丁晨夕知道孟祁岳跟着自己,她避开人群,到没人的地方才驻足:“孟祁岳,你别太过份了!”
“如果霏霏的腿恢复,她能再生孩子,你还会把我推给她吗?”孟祁岳认真的看着丁晨夕,不放过她脸上任何一点细微的表情变化。
“你辜负了她难道不心怀愧疚吗?”
“我怎么会不愧疚,但愧疚不是爱情,我不想耽误她,也不想欺骗她。”
“在陆小姐的心目中你胜过一切,甚至是她的生命,只要能和你在一起她便心满意足,别无他求,这么一个可敬可爱的女人,你怎么忍心伤害她呢,回去吧,回到陆霏霏的身边,她才是值得你爱的女人。”
丁晨夕不等孟祁岳再说话,回到了宴会厅,婚礼已经开始,她身旁的位置一直空着,也许孟祁岳已经幡然悔悟,做他该做的事去了。
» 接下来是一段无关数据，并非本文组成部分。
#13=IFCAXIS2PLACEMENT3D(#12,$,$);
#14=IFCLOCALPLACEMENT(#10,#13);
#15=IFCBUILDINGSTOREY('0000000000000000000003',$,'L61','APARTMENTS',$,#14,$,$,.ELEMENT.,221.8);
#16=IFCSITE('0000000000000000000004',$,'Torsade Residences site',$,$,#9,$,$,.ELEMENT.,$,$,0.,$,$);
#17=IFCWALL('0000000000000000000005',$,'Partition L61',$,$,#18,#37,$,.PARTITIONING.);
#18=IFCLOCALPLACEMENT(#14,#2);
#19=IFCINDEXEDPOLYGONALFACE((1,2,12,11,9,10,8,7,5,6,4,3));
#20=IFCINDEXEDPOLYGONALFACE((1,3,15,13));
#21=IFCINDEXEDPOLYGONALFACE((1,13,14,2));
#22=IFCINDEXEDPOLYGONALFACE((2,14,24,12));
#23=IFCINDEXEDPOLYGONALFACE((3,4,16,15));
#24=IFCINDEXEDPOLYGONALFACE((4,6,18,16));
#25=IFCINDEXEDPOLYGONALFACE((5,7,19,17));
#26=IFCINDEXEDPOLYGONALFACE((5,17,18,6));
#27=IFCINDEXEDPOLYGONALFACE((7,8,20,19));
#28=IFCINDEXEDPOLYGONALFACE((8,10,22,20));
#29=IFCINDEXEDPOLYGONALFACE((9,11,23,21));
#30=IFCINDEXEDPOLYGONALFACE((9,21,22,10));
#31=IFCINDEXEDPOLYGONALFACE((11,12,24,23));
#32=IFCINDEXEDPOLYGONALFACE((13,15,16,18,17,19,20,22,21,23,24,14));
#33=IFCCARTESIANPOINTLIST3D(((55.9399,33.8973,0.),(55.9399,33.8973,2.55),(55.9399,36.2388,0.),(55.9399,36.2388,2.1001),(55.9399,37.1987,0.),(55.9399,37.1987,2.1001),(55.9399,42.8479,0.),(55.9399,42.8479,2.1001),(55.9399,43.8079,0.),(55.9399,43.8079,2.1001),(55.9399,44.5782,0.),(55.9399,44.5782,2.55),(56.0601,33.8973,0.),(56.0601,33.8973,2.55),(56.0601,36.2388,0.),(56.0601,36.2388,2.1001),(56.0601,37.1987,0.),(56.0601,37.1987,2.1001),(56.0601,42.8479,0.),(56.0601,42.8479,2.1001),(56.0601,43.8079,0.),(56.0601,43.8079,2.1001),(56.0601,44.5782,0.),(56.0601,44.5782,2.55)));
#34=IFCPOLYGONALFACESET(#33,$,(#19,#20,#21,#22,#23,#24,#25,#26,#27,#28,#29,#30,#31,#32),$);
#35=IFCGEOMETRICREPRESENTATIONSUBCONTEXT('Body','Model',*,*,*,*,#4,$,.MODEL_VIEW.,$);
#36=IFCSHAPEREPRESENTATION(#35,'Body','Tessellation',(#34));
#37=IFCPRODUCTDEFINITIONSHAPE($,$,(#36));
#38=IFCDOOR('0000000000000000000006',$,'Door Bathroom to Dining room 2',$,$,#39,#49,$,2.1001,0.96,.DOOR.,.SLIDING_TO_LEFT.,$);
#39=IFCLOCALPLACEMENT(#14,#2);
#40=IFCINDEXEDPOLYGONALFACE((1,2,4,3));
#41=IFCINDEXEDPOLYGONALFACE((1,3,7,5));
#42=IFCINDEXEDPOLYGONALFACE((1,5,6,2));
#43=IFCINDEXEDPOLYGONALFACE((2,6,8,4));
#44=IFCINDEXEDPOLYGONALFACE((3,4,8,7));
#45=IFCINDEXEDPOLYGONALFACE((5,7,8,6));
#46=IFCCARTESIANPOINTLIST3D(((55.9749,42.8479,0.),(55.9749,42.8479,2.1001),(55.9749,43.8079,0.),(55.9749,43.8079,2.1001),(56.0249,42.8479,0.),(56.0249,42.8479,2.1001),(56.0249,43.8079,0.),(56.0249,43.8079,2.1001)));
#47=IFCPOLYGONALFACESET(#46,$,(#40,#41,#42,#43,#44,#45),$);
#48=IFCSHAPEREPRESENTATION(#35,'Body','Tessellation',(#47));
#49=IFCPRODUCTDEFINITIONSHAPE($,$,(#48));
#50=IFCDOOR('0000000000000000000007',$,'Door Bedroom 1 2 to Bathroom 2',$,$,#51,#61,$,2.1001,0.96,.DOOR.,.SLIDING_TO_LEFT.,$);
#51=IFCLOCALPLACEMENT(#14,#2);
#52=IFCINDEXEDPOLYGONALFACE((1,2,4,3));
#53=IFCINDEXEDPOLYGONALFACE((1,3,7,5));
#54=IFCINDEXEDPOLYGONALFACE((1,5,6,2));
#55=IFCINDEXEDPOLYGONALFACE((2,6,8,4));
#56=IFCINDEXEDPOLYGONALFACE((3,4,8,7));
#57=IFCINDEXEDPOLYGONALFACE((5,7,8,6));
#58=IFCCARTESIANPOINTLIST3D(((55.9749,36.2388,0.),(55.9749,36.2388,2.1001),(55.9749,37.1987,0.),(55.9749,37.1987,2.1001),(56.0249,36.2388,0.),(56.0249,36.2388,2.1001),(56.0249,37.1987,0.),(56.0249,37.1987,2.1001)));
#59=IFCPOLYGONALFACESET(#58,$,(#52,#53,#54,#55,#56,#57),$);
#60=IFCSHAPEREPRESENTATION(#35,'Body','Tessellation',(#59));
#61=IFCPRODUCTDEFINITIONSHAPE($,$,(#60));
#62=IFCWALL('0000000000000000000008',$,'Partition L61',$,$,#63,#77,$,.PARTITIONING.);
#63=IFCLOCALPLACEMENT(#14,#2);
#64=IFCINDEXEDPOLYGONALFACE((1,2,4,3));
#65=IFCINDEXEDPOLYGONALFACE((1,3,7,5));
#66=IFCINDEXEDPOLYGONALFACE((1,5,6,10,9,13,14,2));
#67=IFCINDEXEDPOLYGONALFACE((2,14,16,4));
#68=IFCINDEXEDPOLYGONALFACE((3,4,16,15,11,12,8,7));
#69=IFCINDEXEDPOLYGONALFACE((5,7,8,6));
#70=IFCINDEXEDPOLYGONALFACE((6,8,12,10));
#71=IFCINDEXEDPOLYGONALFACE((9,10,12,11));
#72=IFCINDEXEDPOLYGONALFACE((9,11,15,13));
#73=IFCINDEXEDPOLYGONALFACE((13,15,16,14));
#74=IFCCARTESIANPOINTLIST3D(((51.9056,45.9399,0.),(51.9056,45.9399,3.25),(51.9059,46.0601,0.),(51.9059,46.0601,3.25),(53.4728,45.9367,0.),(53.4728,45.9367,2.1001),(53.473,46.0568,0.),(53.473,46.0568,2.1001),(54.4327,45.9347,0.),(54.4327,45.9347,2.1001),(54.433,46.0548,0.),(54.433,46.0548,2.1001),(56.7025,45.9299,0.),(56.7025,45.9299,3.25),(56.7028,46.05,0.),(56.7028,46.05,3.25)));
婚礼进行到新娘抛捧花的环节,没结婚的人都跑去凑热闹,丁晨夕和唐丹丹坐在那里聊一些大学时的糗事,说到高兴处,两人笑得前俯后仰。
美好的往事似在昨天,转眼间却已远去。
都是奔三的年纪了,回忆过去,只是证明自己曾经年轻过。
在众人的瞩目下,孟祁岳抱着美丽的新娘捧花回到丁晨夕的身边:“送给你。”
又是一阵惊呼:“哇!”
丁晨夕没接,对孟祁岳视而不见,继续和唐丹丹说话。
习惯了丁晨夕的漠然,孟祁岳也没觉得有多尴尬,把花暂时放身后,专心致志的听丁晨夕和唐丹丹闲聊。
丁晨夕这么对待孟祁岳,连唐丹丹也看不下去了,虽然陈荣荣说话不中听,但有一句却没有说错:“贱人就是矫情!”
看孟祁岳追丁晨夕追得这么辛苦,这四年恐怕受了不少罪,唐丹丹决定帮一帮这个用情专一的男人。
长得帅用情又专一,多难得!
最重要的是长得帅,长得帅,长得帅,重要的话一定要说三遍才过瘾!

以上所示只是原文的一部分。